Apted began his career in television as a trainee for six months at
Granada Television in
Manchester, where he worked as a researcher. One of his first projects at Granada would become his best known: the
Up series, which began in 1964 as a profile of 14 seven-year-old children for the current affairs series World in Action. As a researcher and assistant to Canadian director
Paul Almond, Apted was involved in selecting the children, who came from a variety of backgrounds and classes.[8] Though originally conceived as a one-off documentary, the series has become an institution. When it was suggested that they revisit the subjects at ages fourteen and twenty one, Apted accepted the offer to direct and directed every subsequent episode in the series.[8] It explores Apted's thesis that the
British class system remains largely in place. It studies the participants based on the
Jesuit motto "Give me a child until he is seven and I will show you the man",[9] looking at how they develop during their lives, compared to when they were seven. The series looks at the lives of these people over the years; the latest instalment, 63 Up, was produced in 2019.[10][11] It won a
Peabody Award in 2012 "for its creator’s patience and its subjects' humanity."[12]
Apted used his idea from the Up series a second time in Married in America and Married in America 2. The idea was to interview nine married couples every two years over a ten-year period to tell a more complete story of their marriages.[18] In 2005, he directed the first three episodes of the TV series Rome.[19]
For his work in television, Apted won several
British Academy Awards, including two Flaherty Documentary Awards for his work on 28 Up and 35 Up and a BAFTA for Best Dramatic Director for the single play Kisses at Fifty in 1974.[20]

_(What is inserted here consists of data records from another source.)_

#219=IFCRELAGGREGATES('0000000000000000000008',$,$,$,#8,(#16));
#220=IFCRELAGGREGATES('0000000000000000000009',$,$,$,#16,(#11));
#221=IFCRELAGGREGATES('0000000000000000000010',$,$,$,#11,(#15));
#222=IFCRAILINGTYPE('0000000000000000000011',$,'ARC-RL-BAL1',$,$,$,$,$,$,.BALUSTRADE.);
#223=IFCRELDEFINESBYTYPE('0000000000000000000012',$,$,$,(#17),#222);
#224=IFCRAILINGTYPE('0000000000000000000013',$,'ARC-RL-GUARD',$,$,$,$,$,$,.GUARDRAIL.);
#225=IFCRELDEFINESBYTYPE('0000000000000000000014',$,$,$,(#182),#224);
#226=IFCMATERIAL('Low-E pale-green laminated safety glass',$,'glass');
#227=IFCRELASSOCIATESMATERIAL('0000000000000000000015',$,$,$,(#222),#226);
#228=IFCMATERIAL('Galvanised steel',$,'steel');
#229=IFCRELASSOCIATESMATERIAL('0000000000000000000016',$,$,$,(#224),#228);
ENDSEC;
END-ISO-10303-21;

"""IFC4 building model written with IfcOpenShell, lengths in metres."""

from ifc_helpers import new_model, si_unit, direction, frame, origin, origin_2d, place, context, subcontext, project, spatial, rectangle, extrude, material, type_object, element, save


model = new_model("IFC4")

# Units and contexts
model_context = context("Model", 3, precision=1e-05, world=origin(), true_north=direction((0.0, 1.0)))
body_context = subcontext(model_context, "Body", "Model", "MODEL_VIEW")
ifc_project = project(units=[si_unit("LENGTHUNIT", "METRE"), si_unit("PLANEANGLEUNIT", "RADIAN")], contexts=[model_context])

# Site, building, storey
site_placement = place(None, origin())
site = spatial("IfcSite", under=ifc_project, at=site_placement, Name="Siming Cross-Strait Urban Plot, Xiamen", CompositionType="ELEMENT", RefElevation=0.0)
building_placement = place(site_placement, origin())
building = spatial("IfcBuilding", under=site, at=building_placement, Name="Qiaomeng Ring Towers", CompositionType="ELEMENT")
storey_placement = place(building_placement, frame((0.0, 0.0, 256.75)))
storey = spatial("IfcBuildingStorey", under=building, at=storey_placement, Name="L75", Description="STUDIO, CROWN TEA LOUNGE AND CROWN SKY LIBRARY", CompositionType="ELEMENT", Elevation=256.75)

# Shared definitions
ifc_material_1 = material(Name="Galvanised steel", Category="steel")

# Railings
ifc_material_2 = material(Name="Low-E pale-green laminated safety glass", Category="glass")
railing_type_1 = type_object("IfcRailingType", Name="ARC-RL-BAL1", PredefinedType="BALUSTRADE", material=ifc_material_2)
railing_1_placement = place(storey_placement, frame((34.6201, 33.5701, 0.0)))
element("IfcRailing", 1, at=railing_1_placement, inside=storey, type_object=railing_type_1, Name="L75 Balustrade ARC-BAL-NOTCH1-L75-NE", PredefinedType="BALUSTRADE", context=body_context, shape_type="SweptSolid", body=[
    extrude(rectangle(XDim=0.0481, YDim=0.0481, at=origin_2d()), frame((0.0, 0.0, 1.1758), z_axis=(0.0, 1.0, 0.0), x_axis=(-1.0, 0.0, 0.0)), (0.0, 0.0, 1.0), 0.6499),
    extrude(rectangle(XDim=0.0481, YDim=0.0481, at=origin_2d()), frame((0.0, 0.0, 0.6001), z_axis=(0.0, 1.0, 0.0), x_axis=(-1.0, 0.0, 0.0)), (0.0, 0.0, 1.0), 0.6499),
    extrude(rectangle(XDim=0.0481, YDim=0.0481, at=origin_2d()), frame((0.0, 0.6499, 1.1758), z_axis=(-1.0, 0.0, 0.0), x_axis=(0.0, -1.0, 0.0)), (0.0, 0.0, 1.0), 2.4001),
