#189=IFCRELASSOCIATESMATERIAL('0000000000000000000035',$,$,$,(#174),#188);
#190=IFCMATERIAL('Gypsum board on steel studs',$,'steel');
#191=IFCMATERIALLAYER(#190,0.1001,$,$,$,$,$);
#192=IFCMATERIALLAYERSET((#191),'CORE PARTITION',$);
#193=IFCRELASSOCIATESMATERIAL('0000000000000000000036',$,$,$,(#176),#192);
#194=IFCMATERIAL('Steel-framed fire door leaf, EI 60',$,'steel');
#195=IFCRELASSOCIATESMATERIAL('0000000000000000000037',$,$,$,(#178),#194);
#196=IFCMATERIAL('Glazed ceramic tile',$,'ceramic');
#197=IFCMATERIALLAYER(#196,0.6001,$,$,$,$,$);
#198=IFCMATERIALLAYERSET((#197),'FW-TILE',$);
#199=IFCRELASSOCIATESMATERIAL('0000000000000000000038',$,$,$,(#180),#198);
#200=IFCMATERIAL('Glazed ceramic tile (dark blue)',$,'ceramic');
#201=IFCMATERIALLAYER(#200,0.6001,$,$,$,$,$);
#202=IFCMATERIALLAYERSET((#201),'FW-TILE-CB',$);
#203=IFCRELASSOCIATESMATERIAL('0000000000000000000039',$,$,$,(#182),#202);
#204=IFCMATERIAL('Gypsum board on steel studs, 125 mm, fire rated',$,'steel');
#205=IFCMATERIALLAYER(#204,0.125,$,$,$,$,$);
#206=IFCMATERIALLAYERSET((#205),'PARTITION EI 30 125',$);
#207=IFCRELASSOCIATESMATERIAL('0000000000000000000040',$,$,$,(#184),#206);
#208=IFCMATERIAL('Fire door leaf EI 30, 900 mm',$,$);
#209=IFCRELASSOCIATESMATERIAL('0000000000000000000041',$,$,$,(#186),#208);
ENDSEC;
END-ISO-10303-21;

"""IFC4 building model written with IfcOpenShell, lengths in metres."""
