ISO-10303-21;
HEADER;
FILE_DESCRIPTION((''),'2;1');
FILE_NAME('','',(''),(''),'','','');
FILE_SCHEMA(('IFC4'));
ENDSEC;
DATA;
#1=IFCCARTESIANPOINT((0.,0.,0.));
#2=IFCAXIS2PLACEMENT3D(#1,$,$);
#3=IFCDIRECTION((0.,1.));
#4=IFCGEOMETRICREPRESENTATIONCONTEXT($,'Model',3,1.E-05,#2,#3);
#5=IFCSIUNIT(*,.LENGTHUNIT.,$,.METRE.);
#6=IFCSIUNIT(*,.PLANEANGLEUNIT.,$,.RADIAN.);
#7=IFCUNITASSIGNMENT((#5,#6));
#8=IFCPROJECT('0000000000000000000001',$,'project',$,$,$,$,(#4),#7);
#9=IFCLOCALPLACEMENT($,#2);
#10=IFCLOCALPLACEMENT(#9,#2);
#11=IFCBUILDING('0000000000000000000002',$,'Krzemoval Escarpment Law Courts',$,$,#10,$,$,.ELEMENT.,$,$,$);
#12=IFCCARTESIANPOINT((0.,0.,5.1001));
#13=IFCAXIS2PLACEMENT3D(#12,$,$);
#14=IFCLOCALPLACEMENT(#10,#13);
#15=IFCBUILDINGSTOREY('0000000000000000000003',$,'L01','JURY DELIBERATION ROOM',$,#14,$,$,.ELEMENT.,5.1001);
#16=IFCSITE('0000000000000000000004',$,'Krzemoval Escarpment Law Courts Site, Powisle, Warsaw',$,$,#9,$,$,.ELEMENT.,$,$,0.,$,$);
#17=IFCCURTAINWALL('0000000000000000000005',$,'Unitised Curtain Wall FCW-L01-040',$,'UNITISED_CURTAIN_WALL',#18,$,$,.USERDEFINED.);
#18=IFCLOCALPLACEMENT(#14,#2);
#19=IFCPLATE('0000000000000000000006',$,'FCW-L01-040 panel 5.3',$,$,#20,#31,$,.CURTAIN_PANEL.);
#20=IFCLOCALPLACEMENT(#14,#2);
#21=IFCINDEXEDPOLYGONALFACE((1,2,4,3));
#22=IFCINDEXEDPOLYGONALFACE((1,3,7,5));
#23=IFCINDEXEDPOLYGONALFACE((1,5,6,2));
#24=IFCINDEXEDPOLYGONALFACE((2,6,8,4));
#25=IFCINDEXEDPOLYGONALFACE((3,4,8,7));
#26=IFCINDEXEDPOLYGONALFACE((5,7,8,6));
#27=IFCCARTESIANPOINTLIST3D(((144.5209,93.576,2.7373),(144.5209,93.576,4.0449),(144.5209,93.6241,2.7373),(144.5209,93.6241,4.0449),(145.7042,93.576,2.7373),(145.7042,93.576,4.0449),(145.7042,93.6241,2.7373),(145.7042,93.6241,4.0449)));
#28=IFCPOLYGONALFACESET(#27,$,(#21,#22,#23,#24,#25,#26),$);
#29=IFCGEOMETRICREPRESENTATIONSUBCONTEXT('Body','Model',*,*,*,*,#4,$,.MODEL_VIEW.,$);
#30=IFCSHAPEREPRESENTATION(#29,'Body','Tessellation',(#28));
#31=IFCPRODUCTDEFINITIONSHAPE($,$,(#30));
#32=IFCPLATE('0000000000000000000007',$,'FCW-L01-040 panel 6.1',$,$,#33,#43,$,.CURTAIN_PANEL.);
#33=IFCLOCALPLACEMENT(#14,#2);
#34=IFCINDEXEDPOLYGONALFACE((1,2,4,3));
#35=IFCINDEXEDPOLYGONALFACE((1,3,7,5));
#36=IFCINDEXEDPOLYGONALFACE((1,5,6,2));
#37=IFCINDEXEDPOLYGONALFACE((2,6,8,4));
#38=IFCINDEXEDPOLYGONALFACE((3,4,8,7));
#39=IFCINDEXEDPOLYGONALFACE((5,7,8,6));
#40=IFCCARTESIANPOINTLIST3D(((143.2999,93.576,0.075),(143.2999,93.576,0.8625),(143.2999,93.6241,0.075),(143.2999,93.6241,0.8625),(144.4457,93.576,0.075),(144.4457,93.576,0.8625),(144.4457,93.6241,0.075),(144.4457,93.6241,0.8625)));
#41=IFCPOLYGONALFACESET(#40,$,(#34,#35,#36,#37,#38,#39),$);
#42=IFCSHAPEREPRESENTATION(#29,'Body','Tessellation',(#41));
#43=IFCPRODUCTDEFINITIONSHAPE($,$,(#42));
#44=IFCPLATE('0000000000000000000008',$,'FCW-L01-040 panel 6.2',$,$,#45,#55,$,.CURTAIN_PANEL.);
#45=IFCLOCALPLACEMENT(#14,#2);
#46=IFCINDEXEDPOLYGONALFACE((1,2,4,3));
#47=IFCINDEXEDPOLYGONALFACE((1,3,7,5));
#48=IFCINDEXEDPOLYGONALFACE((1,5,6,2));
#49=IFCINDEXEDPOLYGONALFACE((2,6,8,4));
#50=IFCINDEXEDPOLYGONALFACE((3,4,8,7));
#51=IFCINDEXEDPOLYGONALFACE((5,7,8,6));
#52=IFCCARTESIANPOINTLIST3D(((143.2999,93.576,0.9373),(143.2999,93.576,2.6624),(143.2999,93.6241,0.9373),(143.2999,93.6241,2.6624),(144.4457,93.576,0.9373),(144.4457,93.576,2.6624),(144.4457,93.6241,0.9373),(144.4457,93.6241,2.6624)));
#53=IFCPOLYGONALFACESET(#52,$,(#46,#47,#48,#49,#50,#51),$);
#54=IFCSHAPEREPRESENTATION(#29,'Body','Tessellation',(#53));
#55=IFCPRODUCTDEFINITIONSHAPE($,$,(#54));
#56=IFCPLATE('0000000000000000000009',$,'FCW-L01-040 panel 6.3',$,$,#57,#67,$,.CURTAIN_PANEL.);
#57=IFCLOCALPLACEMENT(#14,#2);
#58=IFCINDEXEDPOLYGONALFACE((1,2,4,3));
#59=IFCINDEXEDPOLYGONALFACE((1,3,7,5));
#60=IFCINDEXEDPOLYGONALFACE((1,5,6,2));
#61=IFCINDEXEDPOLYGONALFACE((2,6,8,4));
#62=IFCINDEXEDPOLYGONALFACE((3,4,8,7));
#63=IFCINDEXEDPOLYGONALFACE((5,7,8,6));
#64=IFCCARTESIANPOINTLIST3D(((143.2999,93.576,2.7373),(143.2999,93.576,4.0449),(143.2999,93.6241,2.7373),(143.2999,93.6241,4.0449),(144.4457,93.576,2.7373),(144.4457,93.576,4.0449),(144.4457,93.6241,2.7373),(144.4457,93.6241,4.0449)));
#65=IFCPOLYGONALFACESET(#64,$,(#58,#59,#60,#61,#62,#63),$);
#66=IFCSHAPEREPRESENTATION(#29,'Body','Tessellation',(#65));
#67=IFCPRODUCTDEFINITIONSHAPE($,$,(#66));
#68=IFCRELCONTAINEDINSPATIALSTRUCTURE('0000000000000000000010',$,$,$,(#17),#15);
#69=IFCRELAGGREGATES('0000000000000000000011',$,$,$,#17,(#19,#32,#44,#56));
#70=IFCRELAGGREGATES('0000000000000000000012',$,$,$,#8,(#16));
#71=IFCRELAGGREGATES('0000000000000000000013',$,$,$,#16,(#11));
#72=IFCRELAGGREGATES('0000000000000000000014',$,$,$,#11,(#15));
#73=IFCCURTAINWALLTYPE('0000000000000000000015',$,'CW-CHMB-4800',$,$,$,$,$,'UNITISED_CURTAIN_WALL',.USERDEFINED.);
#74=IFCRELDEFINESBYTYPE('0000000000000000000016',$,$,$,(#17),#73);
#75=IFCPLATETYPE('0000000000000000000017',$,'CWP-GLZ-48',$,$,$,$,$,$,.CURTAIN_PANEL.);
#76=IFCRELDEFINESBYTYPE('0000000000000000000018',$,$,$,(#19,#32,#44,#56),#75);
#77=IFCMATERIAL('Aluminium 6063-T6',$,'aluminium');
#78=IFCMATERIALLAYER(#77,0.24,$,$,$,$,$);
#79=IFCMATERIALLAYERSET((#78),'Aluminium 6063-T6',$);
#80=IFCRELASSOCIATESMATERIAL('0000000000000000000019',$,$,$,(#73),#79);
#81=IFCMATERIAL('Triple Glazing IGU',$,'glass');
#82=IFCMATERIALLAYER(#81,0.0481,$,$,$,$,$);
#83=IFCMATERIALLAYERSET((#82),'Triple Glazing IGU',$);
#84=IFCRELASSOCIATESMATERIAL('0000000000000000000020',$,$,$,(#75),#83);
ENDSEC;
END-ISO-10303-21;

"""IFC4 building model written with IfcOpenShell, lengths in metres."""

from ifc_helpers import new_model, si_unit, direction, frame, origin, origin_2d, place, context, subcontext, project, spatial, rectangle, extrude, material, layer, layer_set, type_object, element, aggregate, save


model = new_model("IFC4")

# Units and contexts
model_context = context("Model", 3, precision=1e-05, world=origin(), true_north=direction((0.0, 1.0)))
body_context = subcontext(model_context, "Body", "Model", "MODEL_VIEW")
ifc_project = project(units=[si_unit("LENGTHUNIT", "METRE"), si_unit("PLANEANGLEUNIT", "RADIAN")], contexts=[model_context])

# Site, building, storey
site_placement = place(None, origin())
site = spatial("IfcSite", under=ifc_project, at=site_placement, Name="Krzemoval Escarpment Law Courts Site, Powisle, Warsaw", CompositionType="ELEMENT", RefElevation=0.0)
building_placement = place(site_placement, origin())
building = spatial("IfcBuilding", under=site, at=building_placement, Name="Krzemoval Escarpment Law Courts", CompositionType="ELEMENT")
storey_placement = place(building_placement, frame((0.0, 0.0, 5.1001)))
storey = spatial("IfcBuildingStorey", under=building, at=storey_placement, Name="L01", Description="JURY DELIBERATION ROOM", CompositionType="ELEMENT", Elevation=5.1001)

# Curtain wall, plates
ifc_material_1 = material(Name="Aluminium 6063-T6", Category="aluminium")
ifc_layer_1 = layer(ifc_material_1, 0.24)
ifc_layer_set_1 = layer_set([ifc_layer_1], Name="Aluminium 6063-T6")
curtain_wall_type = type_object("IfcCurtainWallType", Name="CW-CHMB-4800", ElementType="UNITISED_CURTAIN_WALL", PredefinedType="USERDEFINED", material=ifc_layer_set_1)
curtain_wall_placement = place(storey_placement, origin())
curtain_wall = element("IfcCurtainWall", 1, at=curtain_wall_placement, inside=storey, type_object=curtain_wall_type, Name="Unitised Curtain Wall FCW-L01-040", ObjectType="UNITISED_CURTAIN_WALL", PredefinedType="USERDEFINED")
ifc_material_2 = material(Name="Triple Glazing IGU", Category="glass")
ifc_layer_2 = layer(ifc_material_2, 0.0481)
ifc_layer_set_2 = layer_set([ifc_layer_2], Name="Triple Glazing IGU")
plate_type = type_object("IfcPlateType", Name="CWP-GLZ-48", PredefinedType="CURTAIN_PANEL", material=ifc_layer_set_2)
plate_1_placement = place(storey_placement, frame((145.1125, 93.6001, 2.7373), z_axis=(0.0, 0.0, 1.0), x_axis=(-1.0, 0.0, 0.0)))
plate_1 = element("IfcPlate", 2, at=plate_1_placement, type_object=plate_type, Name="FCW-L01-040 panel 5.3", PredefinedType="CURTAIN_PANEL", context=body_context, shape_type="SweptSolid", body=[
    extrude(rectangle(XDim=1.1833, YDim=0.0481, at=origin_2d()), origin(), (0.0, 0.0, 1.0), 1.3076),
])
plate_2_placement = place(storey_placement, frame((143.8728, 93.6001, 0.075), z_axis=(0.0, 0.0, 1.0), x_axis=(-1.0, 0.0, 0.0)))
plate_2 = element("IfcPlate", 3, at=plate_2_placement, type_object=plate_type, Name="FCW-L01-040 panel 6.1", PredefinedType="CURTAIN_PANEL", context=body_context, shape_type="SweptSolid", body=[
    extrude(rectangle(XDim=1.1458, YDim=0.0481, at=origin_2d()), origin(), (0.0, 0.0, 1.0), 0.7876),
])
plate_3_placement = place(storey_placement, frame((143.8728, 93.6001, 0.9373), z_axis=(0.0, 0.0, 1.0), x_axis=(-1.0, 0.0, 0.0)))
plate_3 = element("IfcPlate", 4, at=plate_3_placement, type_object=plate_type, Name="FCW-L01-040 panel 6.2", PredefinedType="CURTAIN_PANEL", context=body_context, shape_type="SweptSolid", body=[
    extrude(rectangle(XDim=1.1458, YDim=0.0481, at=origin_2d()), origin(), (0.0, 0.0, 1.0), 1.7251),
])
plate_4_placement = place(storey_placement, frame((143.8728, 93.6001, 2.7373), z_axis=(0.0, 0.0, 1.0), x_axis=(-1.0, 0.0, 0.0)))
plate_4 = element("IfcPlate", 5, at=plate_4_placement, type_object=plate_type, Name="FCW-L01-040 panel 6.3", PredefinedType="CURTAIN_PANEL", context=body_context, shape_type="SweptSolid", body=[
    extrude(rectangle(XDim=1.1458, YDim=0.0481, at=origin_2d()), origin(), (0.0, 0.0, 1.0), 1.3076),
])
aggregate(curtain_wall, [plate_1, plate_2, plate_3, plate_4])

save(model, "model.ifc")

In 1979 he directed the Hollywood-financed Agatha, featuring
Vanessa Redgrave.[41] He went to the United States in 1980, where he directed Coal Miner's Daughter,[23] which received seven
Academy Award nominations, winning best actress for
Sissy Spacek.[42] Both Spacek and
Loretta Lynn, the subject of the film, have said that they believe Apted's outsider point of view was crucial to the movie's success in securing the participation of
Appalachian residents and to the avoidance of stereotypes that previously had marred portrayals of
mountain culture.[43][44] In 2019, Coal Miner's Daughter was selected by the
Library of Congress for preservation in the
National Film Registry for being "culturally, historically, or aesthetically significant".[45]
In addition to the
Up series, Apted made other documentaries, including Bring On the Night, a feature-length concert film about the making of
Sting's
first solo album.[54] He directed the documentary The Long Way Home, which was released in 1989. It chronicled the UK, US and USSR adventures of
Boris Grebenshchikov, the first Soviet
underground musician allowed to record in the West.[55]
Before the making of Thunderheart, Apted made the documentary Incident at Oglala about
Leonard Peltier. Incident at Oglala then informed Thunderheart in the casting of actors for the fiction film.[56]
In a departure from his earlier work, from 1992 to 1994, Apted ventured into China's rapidly changing popular culture. In a project backed by
Trudie Styler, Apted directed Moving the Mountain, a feature documentary which probed the origins of the
1989 protests in Tiananmen Square and the consequences of the movement in the lives of several of the movement's student leaders.[58]
Apted was the collaborator and subject of the documentary: Michael Apted – Visions on Film, by artist and filmmaker
Melinda Camber Porter.[60]
Theatre
In 1977, Apted directed the premiere of Strawberry Fields at the National Theatre in London.
Other roles
He served as president of the
Directors Guild of America from 2003 to 2009 and served as the secretary-treasurer from 2011 to his death.[3]
Personal life and death
Apted's first marriage was to Jo, with whom he had two sons, Paul and Jim.
Paul Apted was a sound editor who worked on movies such as The Wolverine; he died from colon cancer in 2014.[61]
He was married to screenwriter
Dana Stevens for 10 years, before they divorced. They had a son, John.[62]
In 2007 Apted became a father for the fourth time, to a girl, who lives with her mother Tania Mellis.[63]
Apted married Paige Simpson, his third wife, in January 2014.[63]
Apted died at his home in Los Angeles on 7 January 2021, at the age of 79.[6][64][65]